Yet another zero-day from Microsoft

As the entire world is going through the Pandemic situation, struggling with BCP and building and expanding infrastructure to support remote work policy. in addition, Microsoft released its security advisory stating two zero-days have been acknowledged by its security team.

Introduction

Yesterday morning Microsoft released its second security advisory stating the team is aware of the two zero-days exploited in a limited targeted attack.

The weakness in the Adobe font manager library allows attackers to take control of the system remotely in remote code execution attacks.

There are multiple ways to exploit this vulnerability for instance tricking users to open a specially crafted work document or forcing users to open windows pane.

It seems phishing would be the right method to trick users and exploit this vulnerability. However, there is no public exploit present as of now and this vulnerability was exploited in a targeted attack that means it’s a state-sponsored attack against specific government and industries.

Remediation

Earlier I mentioned the good news here is the bad news, no official patch related by Microsoft to mitigate this vulnerability.

Microsoft said the team is still working on the patch . I feel it would available for next month’s patching cycle.

Microsoft though has published three workarounds to mitigate the risk of being exploited.
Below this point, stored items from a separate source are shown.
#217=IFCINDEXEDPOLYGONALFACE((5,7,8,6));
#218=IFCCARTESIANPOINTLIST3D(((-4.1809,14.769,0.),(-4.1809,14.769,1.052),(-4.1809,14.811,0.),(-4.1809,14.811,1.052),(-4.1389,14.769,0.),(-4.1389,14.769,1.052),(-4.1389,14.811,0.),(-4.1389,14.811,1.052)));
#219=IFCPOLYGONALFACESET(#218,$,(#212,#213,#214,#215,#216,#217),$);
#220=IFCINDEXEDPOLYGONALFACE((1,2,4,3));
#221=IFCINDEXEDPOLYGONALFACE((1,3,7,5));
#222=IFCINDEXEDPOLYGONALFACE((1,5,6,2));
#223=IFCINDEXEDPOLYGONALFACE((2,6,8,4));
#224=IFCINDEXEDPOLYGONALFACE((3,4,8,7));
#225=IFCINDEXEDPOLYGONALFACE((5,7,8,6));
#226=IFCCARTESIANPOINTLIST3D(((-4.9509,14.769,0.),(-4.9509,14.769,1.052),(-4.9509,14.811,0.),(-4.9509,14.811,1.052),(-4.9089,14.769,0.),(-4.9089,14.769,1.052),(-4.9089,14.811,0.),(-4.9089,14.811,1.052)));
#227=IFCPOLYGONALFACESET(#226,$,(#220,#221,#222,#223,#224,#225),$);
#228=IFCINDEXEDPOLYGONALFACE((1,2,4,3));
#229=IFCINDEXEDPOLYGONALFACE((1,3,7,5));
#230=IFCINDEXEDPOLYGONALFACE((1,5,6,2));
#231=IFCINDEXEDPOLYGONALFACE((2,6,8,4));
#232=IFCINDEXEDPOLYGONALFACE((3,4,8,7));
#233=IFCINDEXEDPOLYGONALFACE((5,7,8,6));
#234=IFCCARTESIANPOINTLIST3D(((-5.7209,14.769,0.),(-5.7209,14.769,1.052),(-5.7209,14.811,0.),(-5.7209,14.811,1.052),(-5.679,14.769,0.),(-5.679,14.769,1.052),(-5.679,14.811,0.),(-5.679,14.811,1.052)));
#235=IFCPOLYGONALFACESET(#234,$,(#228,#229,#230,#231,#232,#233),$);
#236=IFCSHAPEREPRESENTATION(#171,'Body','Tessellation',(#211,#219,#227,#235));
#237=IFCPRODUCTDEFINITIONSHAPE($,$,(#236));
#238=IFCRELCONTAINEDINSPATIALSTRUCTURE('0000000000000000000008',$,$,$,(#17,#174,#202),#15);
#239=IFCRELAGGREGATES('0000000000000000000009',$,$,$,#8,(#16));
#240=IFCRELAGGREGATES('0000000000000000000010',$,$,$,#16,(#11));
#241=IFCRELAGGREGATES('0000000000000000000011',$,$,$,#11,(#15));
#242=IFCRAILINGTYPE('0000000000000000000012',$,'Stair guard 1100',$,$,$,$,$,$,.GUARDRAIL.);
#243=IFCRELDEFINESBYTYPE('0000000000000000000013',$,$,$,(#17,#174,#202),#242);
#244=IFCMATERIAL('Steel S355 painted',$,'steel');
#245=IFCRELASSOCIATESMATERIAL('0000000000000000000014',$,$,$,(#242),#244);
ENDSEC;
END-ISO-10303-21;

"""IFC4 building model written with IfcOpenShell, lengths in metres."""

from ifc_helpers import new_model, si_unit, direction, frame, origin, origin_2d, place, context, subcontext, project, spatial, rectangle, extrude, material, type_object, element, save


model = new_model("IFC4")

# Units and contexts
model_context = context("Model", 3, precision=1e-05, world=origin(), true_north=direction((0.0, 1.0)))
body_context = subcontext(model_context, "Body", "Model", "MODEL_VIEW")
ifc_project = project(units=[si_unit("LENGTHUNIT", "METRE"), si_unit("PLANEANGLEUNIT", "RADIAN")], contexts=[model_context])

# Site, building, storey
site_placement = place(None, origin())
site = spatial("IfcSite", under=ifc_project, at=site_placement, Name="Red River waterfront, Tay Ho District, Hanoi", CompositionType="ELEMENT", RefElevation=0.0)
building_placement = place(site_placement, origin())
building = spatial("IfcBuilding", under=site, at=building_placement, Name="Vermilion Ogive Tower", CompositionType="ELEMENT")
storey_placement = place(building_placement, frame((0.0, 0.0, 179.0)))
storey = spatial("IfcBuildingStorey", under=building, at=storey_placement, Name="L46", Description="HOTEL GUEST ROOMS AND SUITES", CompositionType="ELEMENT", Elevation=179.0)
  1. Disable the WebClient service
  2. Rename ATMFD.DLL
  3. Disable the Preview Pane and Details Pane in Windows Explorer

Conclusion

This is the second Zero-Day published by Microsoft in 2020. however, more will come in the coming months. The only way to protect the organization from this vulnerability is to apply the workaround mentioned in the advisory. in addition, closely monitor any development around this vulnerability.

Updates

24th March 2020

Microsoft released another advisory where they have noticed limited targeted exploitation of this vulnerability for Windows 7, Windows Server 2008, Windows Server 2012 Operating systems.

Microsoft also acknowledged there is no targeted attack against Windows 10, Windows Server 2016, and Windows Server 2019 operating systems.